Lisístrata, a greve do sexo é uma comédia grega escrita pelo grego ateniense Aristófanes, que teria vivido por volta dos anos 445 e 385 antes da era cristã. Ela conta a história do levante de mulheres de Atenas, com a parceria das espartanas, lideradas por Lisístrata, contra a guerra interminável entre soldados atenienses e espartanos. A guerra ceifa a vida dos homens e dos filhos dessas mulheres, além de esvaziar os cofres públicos. Elas, então, decidem deflagrar uma greve de sexo, que só é interrompida quando seus maridos assinam o acordo de paz. O acordo, personificado pela própria figura da Paz corporificada, é a condição para que se inicie uma orgia. Fecha-se o pano. Fim de espetáculo.

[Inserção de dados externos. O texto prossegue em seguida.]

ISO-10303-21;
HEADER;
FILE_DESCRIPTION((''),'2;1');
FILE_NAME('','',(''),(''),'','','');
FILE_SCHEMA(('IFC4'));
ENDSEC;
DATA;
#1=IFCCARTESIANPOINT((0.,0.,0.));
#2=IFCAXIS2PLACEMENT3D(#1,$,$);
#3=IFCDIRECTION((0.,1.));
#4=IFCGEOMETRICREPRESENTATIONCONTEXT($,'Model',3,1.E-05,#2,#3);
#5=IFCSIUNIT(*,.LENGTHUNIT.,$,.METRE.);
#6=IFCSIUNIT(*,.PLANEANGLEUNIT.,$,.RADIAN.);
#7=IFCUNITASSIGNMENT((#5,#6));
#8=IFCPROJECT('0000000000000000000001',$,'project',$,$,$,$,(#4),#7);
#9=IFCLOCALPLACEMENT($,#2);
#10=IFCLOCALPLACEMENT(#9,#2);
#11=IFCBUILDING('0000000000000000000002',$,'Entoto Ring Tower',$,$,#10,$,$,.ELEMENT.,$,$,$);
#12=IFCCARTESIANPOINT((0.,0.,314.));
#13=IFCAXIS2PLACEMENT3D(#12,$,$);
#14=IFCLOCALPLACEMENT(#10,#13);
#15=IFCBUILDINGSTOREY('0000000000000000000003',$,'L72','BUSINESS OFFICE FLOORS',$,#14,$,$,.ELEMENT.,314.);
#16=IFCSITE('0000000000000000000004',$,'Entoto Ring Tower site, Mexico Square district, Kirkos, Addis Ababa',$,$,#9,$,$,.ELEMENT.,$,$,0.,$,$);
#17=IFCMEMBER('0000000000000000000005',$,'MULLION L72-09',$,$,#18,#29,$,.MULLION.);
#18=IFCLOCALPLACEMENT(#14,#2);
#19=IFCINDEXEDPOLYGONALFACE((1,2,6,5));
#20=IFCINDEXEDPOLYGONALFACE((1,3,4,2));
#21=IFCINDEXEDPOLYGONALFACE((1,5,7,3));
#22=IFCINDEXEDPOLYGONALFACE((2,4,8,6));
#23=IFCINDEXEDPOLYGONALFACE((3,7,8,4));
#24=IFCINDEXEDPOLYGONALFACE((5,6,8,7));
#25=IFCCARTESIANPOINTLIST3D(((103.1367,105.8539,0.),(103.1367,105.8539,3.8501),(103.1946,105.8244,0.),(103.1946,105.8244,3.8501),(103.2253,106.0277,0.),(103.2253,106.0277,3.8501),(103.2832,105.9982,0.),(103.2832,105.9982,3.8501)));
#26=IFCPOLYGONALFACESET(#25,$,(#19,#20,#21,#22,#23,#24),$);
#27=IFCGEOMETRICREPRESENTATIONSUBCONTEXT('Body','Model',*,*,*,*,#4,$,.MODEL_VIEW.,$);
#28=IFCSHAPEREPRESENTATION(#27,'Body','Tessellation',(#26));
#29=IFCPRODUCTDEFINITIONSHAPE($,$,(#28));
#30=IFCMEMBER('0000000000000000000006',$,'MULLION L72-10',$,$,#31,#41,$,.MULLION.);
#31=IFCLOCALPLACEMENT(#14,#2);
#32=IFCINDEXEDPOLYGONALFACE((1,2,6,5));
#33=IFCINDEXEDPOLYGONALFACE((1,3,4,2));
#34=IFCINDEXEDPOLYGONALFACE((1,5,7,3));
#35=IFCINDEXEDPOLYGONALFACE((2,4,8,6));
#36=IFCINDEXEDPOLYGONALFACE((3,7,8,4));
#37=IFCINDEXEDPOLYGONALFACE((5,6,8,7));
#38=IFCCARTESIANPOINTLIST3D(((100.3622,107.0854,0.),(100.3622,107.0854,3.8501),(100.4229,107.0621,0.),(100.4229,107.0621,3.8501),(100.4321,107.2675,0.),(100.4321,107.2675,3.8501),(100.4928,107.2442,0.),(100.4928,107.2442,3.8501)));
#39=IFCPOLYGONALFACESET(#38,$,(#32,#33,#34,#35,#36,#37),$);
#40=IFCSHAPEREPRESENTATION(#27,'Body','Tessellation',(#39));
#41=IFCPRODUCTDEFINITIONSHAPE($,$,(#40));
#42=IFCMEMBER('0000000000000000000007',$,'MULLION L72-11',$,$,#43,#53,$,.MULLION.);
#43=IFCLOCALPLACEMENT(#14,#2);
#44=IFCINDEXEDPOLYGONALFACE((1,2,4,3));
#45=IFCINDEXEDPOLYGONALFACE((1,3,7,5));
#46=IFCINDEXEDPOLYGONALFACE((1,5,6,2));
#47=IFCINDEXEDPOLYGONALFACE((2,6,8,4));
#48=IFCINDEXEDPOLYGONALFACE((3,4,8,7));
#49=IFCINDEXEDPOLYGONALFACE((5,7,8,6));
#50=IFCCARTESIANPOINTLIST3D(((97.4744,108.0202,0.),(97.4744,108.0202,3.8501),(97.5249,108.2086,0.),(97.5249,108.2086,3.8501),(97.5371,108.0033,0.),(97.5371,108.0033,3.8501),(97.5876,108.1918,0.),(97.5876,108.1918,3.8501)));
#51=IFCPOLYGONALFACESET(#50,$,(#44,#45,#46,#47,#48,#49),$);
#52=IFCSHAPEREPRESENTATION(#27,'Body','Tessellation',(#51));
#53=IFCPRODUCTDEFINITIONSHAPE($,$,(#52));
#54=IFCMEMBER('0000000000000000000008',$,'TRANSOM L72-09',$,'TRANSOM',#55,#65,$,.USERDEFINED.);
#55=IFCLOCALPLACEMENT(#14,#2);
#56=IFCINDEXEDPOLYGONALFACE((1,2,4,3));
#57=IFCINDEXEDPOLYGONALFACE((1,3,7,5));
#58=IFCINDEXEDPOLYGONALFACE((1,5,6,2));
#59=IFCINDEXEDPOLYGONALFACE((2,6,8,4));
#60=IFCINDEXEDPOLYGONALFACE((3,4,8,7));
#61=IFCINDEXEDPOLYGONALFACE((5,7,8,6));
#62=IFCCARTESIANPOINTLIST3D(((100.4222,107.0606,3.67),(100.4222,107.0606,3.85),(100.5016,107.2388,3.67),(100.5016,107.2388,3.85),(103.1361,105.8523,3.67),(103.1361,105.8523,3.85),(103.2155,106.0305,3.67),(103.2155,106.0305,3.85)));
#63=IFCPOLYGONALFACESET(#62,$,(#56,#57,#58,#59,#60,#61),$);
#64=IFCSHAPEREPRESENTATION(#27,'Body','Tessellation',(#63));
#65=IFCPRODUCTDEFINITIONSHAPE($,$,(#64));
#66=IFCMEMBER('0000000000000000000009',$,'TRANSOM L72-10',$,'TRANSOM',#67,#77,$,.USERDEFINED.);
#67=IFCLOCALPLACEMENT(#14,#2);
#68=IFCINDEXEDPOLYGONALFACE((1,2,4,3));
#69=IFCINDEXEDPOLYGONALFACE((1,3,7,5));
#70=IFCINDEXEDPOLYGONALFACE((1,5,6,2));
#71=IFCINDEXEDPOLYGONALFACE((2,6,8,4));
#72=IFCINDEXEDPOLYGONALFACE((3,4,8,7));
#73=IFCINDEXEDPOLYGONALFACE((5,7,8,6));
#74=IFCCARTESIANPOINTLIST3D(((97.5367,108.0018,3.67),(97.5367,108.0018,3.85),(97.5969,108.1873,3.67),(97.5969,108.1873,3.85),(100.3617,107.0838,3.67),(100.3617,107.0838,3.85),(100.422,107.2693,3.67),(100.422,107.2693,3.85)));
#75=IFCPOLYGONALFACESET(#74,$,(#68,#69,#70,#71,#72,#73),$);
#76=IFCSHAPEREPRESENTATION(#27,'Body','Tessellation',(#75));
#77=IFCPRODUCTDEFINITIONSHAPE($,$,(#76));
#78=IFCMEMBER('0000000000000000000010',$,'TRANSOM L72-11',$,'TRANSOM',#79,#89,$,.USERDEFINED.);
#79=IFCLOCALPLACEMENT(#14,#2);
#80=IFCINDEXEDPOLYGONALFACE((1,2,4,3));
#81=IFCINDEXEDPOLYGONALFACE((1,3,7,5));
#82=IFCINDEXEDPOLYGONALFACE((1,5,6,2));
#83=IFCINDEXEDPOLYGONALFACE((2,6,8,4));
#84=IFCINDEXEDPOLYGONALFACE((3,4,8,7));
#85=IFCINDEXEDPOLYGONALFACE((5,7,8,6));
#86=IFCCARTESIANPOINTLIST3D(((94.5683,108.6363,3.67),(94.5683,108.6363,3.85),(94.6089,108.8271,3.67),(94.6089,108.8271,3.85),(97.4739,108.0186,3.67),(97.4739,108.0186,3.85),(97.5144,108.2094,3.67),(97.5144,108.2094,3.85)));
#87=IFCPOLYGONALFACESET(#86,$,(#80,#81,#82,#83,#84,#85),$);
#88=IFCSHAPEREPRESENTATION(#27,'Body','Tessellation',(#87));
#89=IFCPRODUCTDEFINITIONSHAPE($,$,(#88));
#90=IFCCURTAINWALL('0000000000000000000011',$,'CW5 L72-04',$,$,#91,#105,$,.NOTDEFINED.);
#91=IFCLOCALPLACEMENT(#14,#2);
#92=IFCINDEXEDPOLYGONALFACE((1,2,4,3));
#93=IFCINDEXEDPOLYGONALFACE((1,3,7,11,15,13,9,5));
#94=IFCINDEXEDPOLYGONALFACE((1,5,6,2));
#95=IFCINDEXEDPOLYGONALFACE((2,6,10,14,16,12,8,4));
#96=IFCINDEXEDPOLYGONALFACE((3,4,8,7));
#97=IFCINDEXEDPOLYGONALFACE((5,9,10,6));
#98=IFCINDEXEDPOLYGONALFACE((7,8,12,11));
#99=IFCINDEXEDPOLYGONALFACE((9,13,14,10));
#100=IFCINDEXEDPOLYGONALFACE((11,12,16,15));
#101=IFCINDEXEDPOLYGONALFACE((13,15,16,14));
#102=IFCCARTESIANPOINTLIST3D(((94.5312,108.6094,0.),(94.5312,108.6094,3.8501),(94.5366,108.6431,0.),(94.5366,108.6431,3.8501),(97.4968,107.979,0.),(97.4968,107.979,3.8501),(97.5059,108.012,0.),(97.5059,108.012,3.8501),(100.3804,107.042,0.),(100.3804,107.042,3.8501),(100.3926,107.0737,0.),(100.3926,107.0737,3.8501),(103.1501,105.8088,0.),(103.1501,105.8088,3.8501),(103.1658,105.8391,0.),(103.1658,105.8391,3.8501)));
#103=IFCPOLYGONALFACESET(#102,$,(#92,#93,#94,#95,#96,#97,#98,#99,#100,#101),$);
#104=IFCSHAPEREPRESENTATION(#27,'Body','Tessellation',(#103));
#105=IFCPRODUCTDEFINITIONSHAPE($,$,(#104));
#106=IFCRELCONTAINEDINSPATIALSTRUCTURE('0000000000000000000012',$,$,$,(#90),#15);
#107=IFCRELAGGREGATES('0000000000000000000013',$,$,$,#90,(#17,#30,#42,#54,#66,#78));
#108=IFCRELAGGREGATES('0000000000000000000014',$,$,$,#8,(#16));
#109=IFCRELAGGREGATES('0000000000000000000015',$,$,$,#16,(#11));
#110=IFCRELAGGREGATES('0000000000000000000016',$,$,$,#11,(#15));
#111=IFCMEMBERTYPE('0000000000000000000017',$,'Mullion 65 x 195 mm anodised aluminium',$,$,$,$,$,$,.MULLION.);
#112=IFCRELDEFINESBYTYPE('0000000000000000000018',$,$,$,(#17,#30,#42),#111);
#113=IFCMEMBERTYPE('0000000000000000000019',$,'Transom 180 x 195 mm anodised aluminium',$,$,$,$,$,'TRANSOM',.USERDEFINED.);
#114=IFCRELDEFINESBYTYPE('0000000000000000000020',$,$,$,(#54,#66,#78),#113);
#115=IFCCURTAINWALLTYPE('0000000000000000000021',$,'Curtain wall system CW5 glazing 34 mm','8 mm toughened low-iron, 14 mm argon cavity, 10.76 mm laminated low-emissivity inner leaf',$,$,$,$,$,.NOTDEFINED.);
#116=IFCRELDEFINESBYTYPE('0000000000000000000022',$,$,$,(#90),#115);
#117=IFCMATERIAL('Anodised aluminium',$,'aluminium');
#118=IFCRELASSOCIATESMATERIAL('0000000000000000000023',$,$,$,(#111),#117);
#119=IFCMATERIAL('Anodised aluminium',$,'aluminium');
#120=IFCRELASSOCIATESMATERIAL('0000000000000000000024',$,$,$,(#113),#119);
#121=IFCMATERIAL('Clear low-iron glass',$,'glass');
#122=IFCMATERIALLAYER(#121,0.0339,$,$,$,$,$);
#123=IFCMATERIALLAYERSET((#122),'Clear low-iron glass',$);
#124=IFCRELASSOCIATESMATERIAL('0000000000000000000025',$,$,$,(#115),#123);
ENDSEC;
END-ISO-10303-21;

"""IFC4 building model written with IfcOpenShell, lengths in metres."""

from ifc_helpers import new_model, si_unit, direction, frame, origin, origin_2d, place, context, subcontext, project, spatial, polyline, rectangle, outline, extrude, material, layer, layer_set, material_profile, profile_set, type_object, element, aggregate, save


model = new_model("IFC4")

# Units and contexts
model_context = context("Model", 3, precision=1e-05, world=origin(), true_north=direction((0.0, 1.0)))
body_context = subcontext(model_context, "Body", "Model", "MODEL_VIEW")
ifc_project = project(units=[si_unit("LENGTHUNIT", "METRE"), si_unit("PLANEANGLEUNIT", "RADIAN")], contexts=[model_context])

# Members
ifc_material_1 = material(Name="Anodised aluminium", Category="aluminium")
ifc_material_profile_1 = material_profile(ifc_material_1, rectangle(XDim=0.0649, YDim=0.1951, at=origin_2d()), Name="Mullion 65 x 195 mm anodised aluminium")
ifc_profile_set_1 = profile_set([ifc_material_profile_1], Name="Anodised aluminium")
member_type_1 = type_object("IfcMemberType", Name="Mullion 65 x 195 mm anodised aluminium", PredefinedType="MULLION", material=ifc_profile_set_1)
site_placement = place(None, origin())
building_placement = place(site_placement, origin())
storey_placement = place(building_placement, frame((0.0, 0.0, 314.0)))
member_1_placement = place(storey_placement, frame((103.21, 105.926, 0.0), z_axis=(0.0, 0.0, 1.0), x_axis=(-0.891007, 0.45399, 0.0)))
member_1 = element("IfcMember", 1, at=member_1_placement, type_object=member_type_1, Name="MULLION L72-09", PredefinedType="MULLION", context=body_context, shape_type="SweptSolid", body=[
    extrude(rectangle(XDim=0.0649, YDim=0.1951, at=origin_2d()), origin(), (0.0, 0.0, 1.0), 3.8501),
])
member_2_placement = place(storey_placement, frame((100.4275, 107.1648, 0.0), z_axis=(0.0, 0.0, 1.0), x_axis=(-0.93358, 0.358368, 0.0)))
member_2 = element("IfcMember", 2, at=member_2_placement, type_object=member_type_1, Name="MULLION L72-10", PredefinedType="MULLION", context=body_context, shape_type="SweptSolid", body=[
    extrude(rectangle(XDim=0.0649, YDim=0.1951, at=origin_2d()), origin(), (0.0, 0.0, 1.0), 3.8501),
])
member_3_placement = place(storey_placement, frame((97.531, 108.106, 0.0), z_axis=(0.0, 0.0, 1.0), x_axis=(-0.965926, 0.258819, 0.0)))
member_3 = element("IfcMember", 3, at=member_3_placement, type_object=member_type_1, Name="MULLION L72-11", PredefinedType="MULLION", context=body_context, shape_type="SweptSolid", body=[
    extrude(rectangle(XDim=0.0649, YDim=0.1951, at=origin_2d()), origin(), (0.0, 0.0, 1.0), 3.8501),
])
ifc_material_2 = material(Name="Anodised aluminium", Category="aluminium")
ifc_material_profile_2 = material_profile(ifc_material_2, rectangle(XDim=0.1951, YDim=0.1799, at=origin_2d()), Name="Transom 180 x 195 mm anodised aluminium")
ifc_profile_set_2 = profile_set([ifc_material_profile_2], Name="Anodised aluminium")
member_type_2 = type_object("IfcMemberType", Name="Transom 180 x 195 mm anodised aluminium", ElementType="TRANSOM", PredefinedType="USERDEFINED", material=ifc_profile_set_2)
member_4_placement = place(storey_placement, frame((103.1758, 105.9414, 3.76), z_axis=(-0.91355, 0.406726, 0.0), x_axis=(-0.406726, -0.91355, 0.0)))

Em meados dos anos 1980, uma amiga integrou o elenco que estava trabalhando na montagem do espetáculo. Ela faria exatamente a personagem Paz. Eu comecei a ajuda-la na na composição da personagem. Para tanto passei a comparecer aos ensaios. Ela desistiu de participar, e eu acabei assumindo o papel. Tinha me afeiçoado. Ao longo das demais cenas, eu participava do côro feminino. A certa altura, deixava o côro, indo preparar a personagem final, com maquiagem intensa, apliques que alongavam os cabelos até à altura das pernas, um véu muito transparente e o corpo nu.
O elenco era numeroso. No decurso dos trabalhos, delineou-se uma divergência entre o grupo dos homens, autorreferidos como mais profissionais, exigentes no tocante aos rigores da produção, e o grupo das mulheres, por eles apontadas como amadoras, pouco profissionais. As tensões decorrentes dessa situação intensificaram-se desde circunstâncias pontuais até uma predisposição quase permanente para a discussão.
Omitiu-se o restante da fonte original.